For BAE, that lower credit rating translates into a potential extra £90 million a year in interest payments – equivalent to 11,000 artillery shells lost to financial drag.
Banks are not ideologically opposed to defence: they are structurally misaligned with its financing needs. Many emerging firms in frontier technologies, and those further down the supply chain, are treated as high-risk outliers and often shut out entirely.
Yet equity interest is surging: venture capital into European defence startups rose tenfold from $62 million (£46 million) in 2022 to $626 million (£468 million) in 2024. The DSR Bank would help reprice this risk by passing on its AAA borrowing cost to both firms and nations with lower ratings.
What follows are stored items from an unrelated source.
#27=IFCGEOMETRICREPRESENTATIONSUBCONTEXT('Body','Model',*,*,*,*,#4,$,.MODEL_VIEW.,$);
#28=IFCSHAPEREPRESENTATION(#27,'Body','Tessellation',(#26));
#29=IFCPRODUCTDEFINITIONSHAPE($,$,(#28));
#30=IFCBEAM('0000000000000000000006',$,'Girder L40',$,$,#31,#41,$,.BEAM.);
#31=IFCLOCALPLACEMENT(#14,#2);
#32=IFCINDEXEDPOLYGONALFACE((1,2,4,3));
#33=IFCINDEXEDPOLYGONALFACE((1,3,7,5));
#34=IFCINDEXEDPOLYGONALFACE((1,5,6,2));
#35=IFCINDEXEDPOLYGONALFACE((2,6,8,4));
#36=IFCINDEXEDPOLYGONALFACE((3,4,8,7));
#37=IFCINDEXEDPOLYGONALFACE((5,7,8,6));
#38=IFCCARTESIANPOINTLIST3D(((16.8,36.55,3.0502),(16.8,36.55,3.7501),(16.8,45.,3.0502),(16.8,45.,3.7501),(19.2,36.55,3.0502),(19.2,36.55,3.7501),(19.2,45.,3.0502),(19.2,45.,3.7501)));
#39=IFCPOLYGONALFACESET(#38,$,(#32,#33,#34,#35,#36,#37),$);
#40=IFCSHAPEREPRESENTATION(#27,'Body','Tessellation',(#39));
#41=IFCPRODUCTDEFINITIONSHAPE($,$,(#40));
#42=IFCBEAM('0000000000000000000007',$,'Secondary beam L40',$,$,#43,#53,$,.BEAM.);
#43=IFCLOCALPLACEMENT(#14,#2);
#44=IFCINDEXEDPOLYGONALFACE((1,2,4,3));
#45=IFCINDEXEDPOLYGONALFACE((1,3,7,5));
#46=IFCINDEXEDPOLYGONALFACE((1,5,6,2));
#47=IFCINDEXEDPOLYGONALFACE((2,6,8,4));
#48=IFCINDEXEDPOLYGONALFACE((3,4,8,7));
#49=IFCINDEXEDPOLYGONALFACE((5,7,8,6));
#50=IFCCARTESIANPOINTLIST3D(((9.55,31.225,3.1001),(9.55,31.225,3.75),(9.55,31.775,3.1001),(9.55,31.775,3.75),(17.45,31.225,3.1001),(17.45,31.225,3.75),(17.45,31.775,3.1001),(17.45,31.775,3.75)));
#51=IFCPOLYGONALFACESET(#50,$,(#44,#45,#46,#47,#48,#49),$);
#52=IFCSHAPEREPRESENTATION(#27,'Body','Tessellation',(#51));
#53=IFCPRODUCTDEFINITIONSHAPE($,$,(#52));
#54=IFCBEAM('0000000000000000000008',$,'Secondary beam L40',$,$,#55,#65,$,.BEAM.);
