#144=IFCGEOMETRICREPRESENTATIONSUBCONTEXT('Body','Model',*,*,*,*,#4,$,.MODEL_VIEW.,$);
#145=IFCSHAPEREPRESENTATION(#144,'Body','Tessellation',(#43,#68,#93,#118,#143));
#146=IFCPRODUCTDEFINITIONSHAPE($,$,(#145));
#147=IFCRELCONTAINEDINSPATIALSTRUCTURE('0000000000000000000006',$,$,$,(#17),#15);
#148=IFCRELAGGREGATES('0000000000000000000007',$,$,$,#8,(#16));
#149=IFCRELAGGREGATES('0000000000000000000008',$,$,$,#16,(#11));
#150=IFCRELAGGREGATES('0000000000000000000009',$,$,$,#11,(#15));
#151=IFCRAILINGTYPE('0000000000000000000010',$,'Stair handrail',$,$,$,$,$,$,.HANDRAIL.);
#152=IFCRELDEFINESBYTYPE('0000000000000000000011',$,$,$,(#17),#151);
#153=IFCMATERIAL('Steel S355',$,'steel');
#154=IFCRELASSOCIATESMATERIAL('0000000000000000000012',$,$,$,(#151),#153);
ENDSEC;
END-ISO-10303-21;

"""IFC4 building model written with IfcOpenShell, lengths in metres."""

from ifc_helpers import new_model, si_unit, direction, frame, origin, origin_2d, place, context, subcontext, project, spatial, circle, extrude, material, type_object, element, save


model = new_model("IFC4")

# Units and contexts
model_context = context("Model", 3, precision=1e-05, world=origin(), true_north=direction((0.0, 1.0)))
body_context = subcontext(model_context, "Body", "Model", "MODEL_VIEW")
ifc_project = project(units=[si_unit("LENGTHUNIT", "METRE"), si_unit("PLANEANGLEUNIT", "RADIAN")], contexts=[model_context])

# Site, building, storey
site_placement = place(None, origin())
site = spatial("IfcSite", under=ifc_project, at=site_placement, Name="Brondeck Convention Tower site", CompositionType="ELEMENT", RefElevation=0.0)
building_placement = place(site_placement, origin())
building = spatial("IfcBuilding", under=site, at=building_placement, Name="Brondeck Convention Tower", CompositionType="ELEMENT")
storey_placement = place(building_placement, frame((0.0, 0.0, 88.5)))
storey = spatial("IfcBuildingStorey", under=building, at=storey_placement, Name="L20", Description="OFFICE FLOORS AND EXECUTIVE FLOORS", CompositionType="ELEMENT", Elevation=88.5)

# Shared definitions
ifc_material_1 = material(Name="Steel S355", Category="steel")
A third imperative is industrial readiness. Europe and the UK must not only produce more today but be prepared to surge production tomorrow. Yet building latent capacity – factories, tooling, long-lead inventory – is difficult to justify within annual fiscal cycles. The DSR Bank could directly hold such assets on its own balance sheet, giving governments the headroom to rearm without immediately increasing public debt. This is not a subsidy. It is a strategic investment in resilience.
Britain is a financial superpower. But it has yet to apply that ingenuity to one of its most urgent national priorities. A DSR Bank, backed by the UK's financial expertise and Europe's institutional heritage, would show that Britain can lead not only in contracts and commitments, but in capital.
This is not without precedent. The post-war institutions of European recovery – the European Investment Bank, the European Coal and Steel Community, and their British equivalents – rebuilt prosperity through shared tools and pooled risk. The logic of the DSR Bank is no different.
The political groundwork is already in place. The London summit marks a reset in UK–EU cooperation on defence and resilience. But if rearmament is to lead to renewal, we must go further. Establishing the DSR Bank as an outcome of the UK–EU Defence Pact would send a powerful signal: that the UK, Europe and their partners are ready to treat defence as a shared economic endeavour rather than a national burden.